Ontem, entre as 15.45 h e as 20 h, o principal canal da televisão do Estado transmitiu em directo a Procissão da Luz, que movimentou, ao que se diz, cerca de 300 mil pessoas.
Uma força de 350 polícias fechou ao trânsito durante toda a tarde o principal eixo viário da cidade, do Campo Pequeno aos Restauradores, e assegurou a ordem, detendo e revistando pessoas que transportavam volumes considerados suspeitos.
A procissão, uma iniciativa do Congresso Internacional para a Nova Evangelização, era aberta, numa impressionante manifestação de laicidade, por um destacamento da Guarda Nacional Republicana montada a cavalo.
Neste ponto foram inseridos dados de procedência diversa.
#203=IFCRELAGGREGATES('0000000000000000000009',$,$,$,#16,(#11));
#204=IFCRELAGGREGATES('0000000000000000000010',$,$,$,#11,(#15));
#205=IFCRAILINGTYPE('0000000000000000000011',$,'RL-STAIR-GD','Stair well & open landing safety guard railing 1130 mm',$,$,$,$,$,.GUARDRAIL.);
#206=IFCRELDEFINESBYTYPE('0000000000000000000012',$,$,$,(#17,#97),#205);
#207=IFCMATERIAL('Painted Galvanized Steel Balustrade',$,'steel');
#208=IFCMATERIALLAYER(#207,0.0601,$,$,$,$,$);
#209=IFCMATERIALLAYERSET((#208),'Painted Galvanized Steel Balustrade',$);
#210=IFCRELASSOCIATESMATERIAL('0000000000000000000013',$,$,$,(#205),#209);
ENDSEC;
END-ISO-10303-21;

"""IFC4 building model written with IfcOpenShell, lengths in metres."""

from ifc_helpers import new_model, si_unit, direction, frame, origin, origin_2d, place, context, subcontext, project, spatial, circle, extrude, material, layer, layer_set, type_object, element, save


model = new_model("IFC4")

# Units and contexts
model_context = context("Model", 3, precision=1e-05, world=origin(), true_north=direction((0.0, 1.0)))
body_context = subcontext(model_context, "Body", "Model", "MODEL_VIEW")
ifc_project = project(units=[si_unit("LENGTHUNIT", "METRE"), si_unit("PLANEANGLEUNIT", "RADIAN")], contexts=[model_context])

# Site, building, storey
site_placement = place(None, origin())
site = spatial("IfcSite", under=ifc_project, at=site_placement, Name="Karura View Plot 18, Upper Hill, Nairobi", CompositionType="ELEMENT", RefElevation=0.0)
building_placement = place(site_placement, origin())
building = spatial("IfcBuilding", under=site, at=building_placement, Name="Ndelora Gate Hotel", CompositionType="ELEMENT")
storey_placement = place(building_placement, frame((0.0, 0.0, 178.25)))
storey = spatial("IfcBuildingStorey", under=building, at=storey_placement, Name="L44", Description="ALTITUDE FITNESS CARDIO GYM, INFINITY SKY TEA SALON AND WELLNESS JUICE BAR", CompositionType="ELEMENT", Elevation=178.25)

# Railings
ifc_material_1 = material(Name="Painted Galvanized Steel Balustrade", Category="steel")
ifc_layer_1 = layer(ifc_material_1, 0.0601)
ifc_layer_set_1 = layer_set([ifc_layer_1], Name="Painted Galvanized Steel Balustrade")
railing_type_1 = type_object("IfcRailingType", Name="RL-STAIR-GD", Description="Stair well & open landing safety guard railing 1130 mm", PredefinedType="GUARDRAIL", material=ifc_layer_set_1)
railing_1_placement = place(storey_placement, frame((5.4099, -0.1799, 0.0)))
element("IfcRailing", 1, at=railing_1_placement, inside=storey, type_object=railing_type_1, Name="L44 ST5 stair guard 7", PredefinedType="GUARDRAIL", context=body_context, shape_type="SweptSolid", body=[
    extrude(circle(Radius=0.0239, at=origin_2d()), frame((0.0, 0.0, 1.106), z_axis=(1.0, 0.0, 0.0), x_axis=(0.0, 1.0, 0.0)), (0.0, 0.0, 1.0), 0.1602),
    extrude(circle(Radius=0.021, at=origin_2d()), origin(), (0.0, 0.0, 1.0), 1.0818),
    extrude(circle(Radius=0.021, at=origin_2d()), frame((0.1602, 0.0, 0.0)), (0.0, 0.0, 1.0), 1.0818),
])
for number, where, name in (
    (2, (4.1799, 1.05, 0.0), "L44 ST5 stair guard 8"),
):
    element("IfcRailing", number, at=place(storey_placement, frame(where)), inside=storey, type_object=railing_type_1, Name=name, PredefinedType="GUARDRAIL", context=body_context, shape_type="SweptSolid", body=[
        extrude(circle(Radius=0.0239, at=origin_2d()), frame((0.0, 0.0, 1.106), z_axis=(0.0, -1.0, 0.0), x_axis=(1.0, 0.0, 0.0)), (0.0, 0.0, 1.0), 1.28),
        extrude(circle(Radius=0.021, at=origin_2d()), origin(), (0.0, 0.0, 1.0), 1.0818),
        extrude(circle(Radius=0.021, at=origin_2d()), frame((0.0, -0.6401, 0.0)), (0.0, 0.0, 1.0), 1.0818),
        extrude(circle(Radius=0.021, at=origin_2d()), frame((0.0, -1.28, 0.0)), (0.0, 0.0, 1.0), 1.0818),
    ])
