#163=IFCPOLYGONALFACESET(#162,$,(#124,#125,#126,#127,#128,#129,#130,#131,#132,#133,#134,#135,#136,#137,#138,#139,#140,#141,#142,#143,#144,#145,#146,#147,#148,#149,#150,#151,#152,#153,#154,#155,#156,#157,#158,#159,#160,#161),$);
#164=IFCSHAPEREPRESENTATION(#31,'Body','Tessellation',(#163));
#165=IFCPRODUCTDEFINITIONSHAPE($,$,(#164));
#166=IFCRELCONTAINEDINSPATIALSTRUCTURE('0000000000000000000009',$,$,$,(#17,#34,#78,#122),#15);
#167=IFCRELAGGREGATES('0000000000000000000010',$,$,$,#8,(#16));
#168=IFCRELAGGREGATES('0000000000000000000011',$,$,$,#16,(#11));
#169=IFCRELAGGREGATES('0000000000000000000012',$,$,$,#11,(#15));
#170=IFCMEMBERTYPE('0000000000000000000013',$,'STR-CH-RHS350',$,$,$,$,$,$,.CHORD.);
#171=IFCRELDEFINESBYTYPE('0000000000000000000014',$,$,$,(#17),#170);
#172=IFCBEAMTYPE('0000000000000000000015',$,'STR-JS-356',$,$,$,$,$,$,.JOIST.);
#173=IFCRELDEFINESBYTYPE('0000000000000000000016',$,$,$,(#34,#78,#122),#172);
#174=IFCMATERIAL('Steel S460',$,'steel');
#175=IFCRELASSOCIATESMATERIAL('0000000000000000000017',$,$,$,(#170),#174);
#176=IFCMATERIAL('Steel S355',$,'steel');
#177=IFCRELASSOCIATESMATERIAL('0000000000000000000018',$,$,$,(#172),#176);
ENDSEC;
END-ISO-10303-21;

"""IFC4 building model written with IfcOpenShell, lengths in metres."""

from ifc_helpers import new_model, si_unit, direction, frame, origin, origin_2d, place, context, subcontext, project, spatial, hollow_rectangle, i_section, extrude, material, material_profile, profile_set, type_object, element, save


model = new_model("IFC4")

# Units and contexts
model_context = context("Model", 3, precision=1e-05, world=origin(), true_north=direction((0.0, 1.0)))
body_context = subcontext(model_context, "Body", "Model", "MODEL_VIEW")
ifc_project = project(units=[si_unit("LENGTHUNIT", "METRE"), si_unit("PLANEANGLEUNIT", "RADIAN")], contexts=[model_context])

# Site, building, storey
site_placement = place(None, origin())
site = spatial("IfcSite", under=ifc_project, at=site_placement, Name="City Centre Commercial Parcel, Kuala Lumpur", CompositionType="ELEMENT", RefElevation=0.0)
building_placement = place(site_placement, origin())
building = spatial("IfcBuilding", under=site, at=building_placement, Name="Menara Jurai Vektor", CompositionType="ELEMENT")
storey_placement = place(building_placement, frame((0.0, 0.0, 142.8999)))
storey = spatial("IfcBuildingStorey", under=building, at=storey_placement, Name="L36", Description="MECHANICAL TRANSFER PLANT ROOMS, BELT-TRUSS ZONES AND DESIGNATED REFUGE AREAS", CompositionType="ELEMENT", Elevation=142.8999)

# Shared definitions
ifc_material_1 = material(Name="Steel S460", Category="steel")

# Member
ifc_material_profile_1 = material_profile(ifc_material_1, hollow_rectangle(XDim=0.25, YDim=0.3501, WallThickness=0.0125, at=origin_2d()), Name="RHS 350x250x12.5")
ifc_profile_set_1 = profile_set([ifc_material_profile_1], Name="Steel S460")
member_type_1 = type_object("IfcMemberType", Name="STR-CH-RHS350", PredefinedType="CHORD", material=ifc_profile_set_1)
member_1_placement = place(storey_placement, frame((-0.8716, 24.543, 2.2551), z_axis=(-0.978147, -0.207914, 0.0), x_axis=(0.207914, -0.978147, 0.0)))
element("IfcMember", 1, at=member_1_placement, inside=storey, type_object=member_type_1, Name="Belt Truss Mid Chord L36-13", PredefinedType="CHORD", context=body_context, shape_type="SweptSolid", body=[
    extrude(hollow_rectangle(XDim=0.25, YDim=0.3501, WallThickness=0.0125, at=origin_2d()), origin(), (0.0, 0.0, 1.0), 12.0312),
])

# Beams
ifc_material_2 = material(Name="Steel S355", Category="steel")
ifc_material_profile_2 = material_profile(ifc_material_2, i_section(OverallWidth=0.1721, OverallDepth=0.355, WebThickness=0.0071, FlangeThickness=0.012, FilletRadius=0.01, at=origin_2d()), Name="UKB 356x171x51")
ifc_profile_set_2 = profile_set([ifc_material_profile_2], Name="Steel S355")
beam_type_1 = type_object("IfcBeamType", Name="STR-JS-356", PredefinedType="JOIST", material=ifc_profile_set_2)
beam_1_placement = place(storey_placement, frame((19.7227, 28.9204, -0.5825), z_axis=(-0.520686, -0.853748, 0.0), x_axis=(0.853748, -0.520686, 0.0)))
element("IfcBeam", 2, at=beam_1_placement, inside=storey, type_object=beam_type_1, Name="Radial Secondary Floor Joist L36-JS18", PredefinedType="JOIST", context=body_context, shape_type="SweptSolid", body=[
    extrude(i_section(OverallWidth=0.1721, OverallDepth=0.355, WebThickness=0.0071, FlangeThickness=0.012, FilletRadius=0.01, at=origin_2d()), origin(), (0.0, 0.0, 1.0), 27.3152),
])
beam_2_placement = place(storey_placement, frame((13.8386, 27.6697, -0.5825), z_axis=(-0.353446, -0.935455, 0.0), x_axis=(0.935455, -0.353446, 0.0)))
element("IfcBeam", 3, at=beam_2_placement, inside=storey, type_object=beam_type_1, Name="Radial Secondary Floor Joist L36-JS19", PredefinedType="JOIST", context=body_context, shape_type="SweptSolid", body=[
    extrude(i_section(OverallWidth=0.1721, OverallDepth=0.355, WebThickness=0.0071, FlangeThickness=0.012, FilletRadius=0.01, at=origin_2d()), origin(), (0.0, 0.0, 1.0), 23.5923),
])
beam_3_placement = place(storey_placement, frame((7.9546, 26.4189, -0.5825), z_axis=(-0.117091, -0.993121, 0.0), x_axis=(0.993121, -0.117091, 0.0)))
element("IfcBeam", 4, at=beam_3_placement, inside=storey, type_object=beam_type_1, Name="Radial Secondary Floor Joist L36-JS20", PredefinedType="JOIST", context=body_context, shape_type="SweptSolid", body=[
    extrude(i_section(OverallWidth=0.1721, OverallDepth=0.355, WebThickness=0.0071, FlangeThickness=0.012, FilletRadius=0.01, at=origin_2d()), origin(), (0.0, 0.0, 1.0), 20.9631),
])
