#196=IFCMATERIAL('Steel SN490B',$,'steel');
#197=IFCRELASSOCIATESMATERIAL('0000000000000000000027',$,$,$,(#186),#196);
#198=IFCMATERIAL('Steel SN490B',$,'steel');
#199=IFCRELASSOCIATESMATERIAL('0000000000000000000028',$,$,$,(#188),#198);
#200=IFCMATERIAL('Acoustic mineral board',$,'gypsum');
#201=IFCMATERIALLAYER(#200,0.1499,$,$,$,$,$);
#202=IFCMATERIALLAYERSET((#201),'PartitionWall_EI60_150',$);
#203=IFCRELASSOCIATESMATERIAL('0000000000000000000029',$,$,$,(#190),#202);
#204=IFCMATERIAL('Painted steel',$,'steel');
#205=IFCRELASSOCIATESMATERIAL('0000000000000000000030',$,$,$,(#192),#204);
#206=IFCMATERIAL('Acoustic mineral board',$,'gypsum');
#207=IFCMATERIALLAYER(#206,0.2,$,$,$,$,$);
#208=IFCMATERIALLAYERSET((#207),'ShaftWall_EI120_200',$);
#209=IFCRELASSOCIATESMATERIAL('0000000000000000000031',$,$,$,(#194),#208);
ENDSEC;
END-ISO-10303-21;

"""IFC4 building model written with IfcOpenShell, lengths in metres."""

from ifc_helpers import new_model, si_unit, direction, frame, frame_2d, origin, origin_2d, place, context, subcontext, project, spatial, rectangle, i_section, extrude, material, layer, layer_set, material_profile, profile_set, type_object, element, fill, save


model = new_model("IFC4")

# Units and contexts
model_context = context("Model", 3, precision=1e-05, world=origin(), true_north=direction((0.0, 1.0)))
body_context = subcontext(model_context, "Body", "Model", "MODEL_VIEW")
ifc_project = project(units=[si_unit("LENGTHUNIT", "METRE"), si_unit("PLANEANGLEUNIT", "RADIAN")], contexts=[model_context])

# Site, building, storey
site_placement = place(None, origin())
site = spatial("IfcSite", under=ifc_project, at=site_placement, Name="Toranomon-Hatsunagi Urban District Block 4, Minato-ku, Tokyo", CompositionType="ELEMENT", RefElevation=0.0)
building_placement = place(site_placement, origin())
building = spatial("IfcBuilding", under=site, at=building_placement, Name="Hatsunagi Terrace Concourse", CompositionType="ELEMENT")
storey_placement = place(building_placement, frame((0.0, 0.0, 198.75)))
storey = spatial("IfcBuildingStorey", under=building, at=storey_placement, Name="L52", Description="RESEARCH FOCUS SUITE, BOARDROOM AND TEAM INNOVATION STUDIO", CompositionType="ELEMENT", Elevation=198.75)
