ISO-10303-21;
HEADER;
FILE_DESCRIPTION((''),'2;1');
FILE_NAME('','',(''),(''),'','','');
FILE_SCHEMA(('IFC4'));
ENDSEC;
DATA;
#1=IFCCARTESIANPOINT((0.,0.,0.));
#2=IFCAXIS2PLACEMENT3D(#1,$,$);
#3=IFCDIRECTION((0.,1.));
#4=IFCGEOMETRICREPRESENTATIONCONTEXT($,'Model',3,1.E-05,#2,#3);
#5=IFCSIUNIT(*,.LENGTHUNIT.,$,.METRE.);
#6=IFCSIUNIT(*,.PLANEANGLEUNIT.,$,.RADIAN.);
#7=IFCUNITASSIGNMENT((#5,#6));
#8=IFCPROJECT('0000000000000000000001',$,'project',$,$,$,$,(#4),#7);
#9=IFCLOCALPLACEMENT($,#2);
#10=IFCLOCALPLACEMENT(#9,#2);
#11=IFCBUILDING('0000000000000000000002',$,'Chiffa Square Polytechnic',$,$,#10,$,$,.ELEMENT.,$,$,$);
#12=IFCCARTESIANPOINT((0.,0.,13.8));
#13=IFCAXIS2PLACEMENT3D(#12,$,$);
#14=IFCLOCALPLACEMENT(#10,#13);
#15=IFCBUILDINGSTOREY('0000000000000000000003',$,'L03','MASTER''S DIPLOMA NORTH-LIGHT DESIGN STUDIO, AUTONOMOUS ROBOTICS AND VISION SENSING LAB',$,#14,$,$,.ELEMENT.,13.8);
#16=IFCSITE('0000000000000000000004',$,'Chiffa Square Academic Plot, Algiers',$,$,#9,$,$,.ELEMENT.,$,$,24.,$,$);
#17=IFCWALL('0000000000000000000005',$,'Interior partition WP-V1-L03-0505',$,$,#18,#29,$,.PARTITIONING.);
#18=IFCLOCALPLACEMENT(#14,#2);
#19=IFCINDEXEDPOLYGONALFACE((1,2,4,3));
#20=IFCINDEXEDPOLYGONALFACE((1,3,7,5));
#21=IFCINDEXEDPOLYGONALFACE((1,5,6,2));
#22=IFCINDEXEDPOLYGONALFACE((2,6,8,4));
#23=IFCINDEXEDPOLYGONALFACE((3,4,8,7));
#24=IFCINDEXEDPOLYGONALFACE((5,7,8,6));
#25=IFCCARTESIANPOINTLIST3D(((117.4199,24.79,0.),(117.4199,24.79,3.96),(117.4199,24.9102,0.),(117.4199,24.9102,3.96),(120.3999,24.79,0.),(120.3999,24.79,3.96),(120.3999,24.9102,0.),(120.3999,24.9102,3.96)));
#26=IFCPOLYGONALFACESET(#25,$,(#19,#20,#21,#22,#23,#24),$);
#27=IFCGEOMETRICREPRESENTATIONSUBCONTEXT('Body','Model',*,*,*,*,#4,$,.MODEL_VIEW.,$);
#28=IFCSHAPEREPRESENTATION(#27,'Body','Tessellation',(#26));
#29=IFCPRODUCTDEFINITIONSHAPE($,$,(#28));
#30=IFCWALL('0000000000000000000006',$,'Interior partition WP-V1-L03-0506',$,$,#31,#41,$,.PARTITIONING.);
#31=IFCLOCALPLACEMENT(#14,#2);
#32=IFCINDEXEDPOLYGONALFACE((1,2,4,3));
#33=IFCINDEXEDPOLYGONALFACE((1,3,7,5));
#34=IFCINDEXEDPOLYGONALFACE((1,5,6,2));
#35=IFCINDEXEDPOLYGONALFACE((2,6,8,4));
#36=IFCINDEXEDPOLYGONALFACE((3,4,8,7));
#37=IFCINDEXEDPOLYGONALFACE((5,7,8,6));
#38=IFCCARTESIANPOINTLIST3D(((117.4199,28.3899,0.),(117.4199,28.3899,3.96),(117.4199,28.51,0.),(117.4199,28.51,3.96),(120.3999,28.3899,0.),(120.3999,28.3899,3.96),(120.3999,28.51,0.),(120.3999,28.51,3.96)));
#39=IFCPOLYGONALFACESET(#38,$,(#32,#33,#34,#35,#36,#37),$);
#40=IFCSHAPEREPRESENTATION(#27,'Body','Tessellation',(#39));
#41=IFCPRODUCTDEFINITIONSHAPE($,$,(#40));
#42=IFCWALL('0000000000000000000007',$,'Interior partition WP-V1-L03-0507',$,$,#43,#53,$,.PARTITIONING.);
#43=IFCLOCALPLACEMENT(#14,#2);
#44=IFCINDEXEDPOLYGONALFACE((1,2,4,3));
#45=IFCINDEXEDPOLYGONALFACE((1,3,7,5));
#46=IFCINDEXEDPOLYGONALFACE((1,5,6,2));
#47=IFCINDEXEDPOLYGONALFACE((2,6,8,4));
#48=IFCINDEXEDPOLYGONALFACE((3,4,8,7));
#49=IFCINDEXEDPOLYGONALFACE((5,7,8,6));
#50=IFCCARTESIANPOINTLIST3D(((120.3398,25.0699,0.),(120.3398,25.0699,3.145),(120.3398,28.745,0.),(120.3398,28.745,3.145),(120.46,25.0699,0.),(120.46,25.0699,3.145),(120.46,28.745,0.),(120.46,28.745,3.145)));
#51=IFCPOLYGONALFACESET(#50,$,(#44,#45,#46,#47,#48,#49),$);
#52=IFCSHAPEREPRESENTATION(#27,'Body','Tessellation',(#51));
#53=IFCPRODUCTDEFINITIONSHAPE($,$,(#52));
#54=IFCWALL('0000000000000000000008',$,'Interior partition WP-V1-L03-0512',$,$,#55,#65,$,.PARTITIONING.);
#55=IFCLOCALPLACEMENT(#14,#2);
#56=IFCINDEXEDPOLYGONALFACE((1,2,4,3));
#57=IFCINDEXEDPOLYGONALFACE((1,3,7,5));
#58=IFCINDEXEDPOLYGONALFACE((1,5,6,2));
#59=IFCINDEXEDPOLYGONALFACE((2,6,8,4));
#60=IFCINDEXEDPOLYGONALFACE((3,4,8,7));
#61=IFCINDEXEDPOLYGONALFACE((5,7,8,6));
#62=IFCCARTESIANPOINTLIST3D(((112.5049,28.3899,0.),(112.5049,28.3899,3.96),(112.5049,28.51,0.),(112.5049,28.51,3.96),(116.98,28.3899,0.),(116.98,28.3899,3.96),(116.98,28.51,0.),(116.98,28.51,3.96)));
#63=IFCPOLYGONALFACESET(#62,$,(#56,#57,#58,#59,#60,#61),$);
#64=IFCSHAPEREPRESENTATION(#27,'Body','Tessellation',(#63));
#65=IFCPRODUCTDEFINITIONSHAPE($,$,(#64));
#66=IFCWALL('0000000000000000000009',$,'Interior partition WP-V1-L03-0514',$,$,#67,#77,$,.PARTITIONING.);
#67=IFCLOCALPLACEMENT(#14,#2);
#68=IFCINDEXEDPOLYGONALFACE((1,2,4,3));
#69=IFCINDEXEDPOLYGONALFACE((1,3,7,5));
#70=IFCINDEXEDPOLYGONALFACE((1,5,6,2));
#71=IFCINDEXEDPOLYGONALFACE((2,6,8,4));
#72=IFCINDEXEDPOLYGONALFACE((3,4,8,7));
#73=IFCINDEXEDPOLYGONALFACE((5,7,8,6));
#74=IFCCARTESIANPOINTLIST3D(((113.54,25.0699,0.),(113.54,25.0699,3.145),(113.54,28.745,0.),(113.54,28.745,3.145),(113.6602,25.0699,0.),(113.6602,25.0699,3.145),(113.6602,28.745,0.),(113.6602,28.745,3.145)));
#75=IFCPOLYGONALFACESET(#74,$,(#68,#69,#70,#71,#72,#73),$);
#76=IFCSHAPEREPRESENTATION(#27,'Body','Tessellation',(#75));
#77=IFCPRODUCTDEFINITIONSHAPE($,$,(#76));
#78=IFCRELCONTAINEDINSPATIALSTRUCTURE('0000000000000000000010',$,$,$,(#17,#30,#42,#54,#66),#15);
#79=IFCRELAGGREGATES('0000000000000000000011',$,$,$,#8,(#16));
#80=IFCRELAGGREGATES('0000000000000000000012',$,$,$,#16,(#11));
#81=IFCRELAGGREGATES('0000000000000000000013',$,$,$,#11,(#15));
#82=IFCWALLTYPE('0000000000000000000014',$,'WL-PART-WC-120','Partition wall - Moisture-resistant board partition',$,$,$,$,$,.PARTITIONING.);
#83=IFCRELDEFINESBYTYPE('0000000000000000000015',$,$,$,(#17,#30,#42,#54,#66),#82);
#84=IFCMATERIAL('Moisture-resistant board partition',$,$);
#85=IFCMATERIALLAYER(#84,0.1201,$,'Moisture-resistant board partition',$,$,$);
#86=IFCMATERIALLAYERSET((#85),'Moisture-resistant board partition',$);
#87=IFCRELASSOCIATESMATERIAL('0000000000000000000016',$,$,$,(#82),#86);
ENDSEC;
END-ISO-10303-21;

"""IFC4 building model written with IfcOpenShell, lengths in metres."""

from ifc_helpers import new_model, si_unit, direction, frame, frame_2d, origin, place, context, subcontext, project, spatial, rectangle, extrude, material, layer, layer_set, type_object, element, save


model = new_model("IFC4")

# Units and contexts
model_context = context("Model", 3, precision=1e-05, world=origin(), true_north=direction((0.0, 1.0)))
body_context = subcontext(model_context, "Body", "Model", "MODEL_VIEW")
ifc_project = project(units=[si_unit("LENGTHUNIT", "METRE"), si_unit("PLANEANGLEUNIT", "RADIAN")], contexts=[model_context])

# Site, building, storey
site_placement = place(None, origin())
site = spatial("IfcSite", under=ifc_project, at=site_placement, Name="Chiffa Square Academic Plot, Algiers", CompositionType="ELEMENT", RefElevation=24.0)
building_placement = place(site_placement, origin())
building = spatial("IfcBuilding", under=site, at=building_placement, Name="Chiffa Square Polytechnic", CompositionType="ELEMENT")
storey_placement = place(building_placement, frame((0.0, 0.0, 13.8)))
storey = spatial("IfcBuildingStorey", under=building, at=storey_placement, Name="L03", Description="MASTER'S DIPLOMA NORTH-LIGHT DESIGN STUDIO, AUTONOMOUS ROBOTICS AND VISION SENSING LAB", CompositionType="ELEMENT", Elevation=13.8)

# Shared definitions
ifc_material_1 = material(Name="Moisture-resistant board partition")
ifc_layer_1 = layer(ifc_material_1, 0.1201, Name="Moisture-resistant board partition")
ifc_layer_set_1 = layer_set([ifc_layer_1], Name="Moisture-resistant board partition")
wall_type_1 = type_object("IfcWallType", Name="WL-PART-WC-120", Description="Partition wall - Moisture-resistant board partition", PredefinedType="PARTITIONING", material=ifc_layer_set_1)

# Walls
for number, where, z_axis, x_axis, name in (
    (1, (117.4199, 24.8501, 0.0), (0.0, 0.0, 1.0), (1.0, 0.0, 0.0), "Interior partition WP-V1-L03-0505"),
    (2, (117.4199, 28.45, 0.0), (0.0, 0.0, 1.0), (1.0, 0.0, 0.0), "Interior partition WP-V1-L03-0506"),
):
    element("IfcWall", number, at=place(storey_placement, frame(where, z_axis=z_axis, x_axis=x_axis)), inside=storey, type_object=wall_type_1, Name=name, PredefinedType="PARTITIONING", context=body_context, shape_type="SweptSolid", body=[
        extrude(rectangle(XDim=2.98, YDim=0.1201, at=frame_2d((1.49, 0.0))), origin(), (0.0, 0.0, 1.0), 3.96),
    ])
wall_1_placement = place(storey_placement, frame((120.3999, 25.0701, 0.0), z_axis=(0.0, 0.0, 1.0), x_axis=(0.0, 1.0, 0.0)))
element("IfcWall", 3, at=wall_1_placement, inside=storey, type_object=wall_type_1, Name="Interior partition WP-V1-L03-0507", PredefinedType="PARTITIONING", context=body_context, shape_type="SweptSolid", body=[
    extrude(rectangle(XDim=3.675, YDim=0.1201, at=frame_2d((1.8374, 0.0))), origin(), (0.0, 0.0, 1.0), 3.145),
])
wall_2_placement = place(storey_placement, frame((112.5049, 28.45, 0.0), z_axis=(0.0, 0.0, 1.0), x_axis=(1.0, 0.0, 0.0)))
element("IfcWall", 4, at=wall_2_placement, inside=storey, type_object=wall_type_1, Name="Interior partition WP-V1-L03-0512", PredefinedType="PARTITIONING", context=body_context, shape_type="SweptSolid", body=[
    extrude(rectangle(XDim=4.4751, YDim=0.1201, at=frame_2d((2.2375, 0.0))), origin(), (0.0, 0.0, 1.0), 3.96),
])

# Wall
wall_3_placement = place(storey_placement, frame((113.6001, 25.0701, 0.0), z_axis=(0.0, 0.0, 1.0), x_axis=(0.0, 1.0, 0.0)))
element("IfcWall", 5, at=wall_3_placement, inside=storey, type_object=wall_type_1, Name="Interior partition WP-V1-L03-0514", PredefinedType="PARTITIONING", context=body_context, shape_type="SweptSolid", body=[
    extrude(rectangle(XDim=3.675, YDim=0.1201, at=frame_2d((1.8374, 0.0))), origin(), (0.0, 0.0, 1.0), 3.145),
])

save(model, "model.ifc")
Seguiam-se os bombeiros, os bispos e uma luzida representação das forças vivas da cidade, encabeçada pelo sorridente Presidente da Câmara, Carmona Rodrigues.
A fechar, essa infindável multidão de gente que, embora não tenha fé bastante para ir à missa, alinha de bom-grado numa manifestação de rua a favor não se sabe bem de quê.
A hierarquia da Igreja Católica, hoje maioritariamente composta por gente que se declara dialogante e aberta ao mundo moderno, não parece consciente dos perigos que imponentes mobilizações como esta encerram. Cega pelo orgulho decorrente do êxito mediático da procissão, recusa-se a entender que a perversa associação entre os poderes religiosos e temporais ontem exibida forçosamente desencadeará reacções defensivas por parte dos defensores do Estado laico.
Nós sabemos que estas coisas se passam todos os dias no Portugal profundo, onde a separação das diversas ordens do poder sempre permaneceu letra morta. Mas alardear publicamente na capital esta doentia promiscuidade de que há séculos o nosso país padece nem honra a Igreja nem nos deixa tranquilos.
Depois, não se queixem de anti-clericalismo.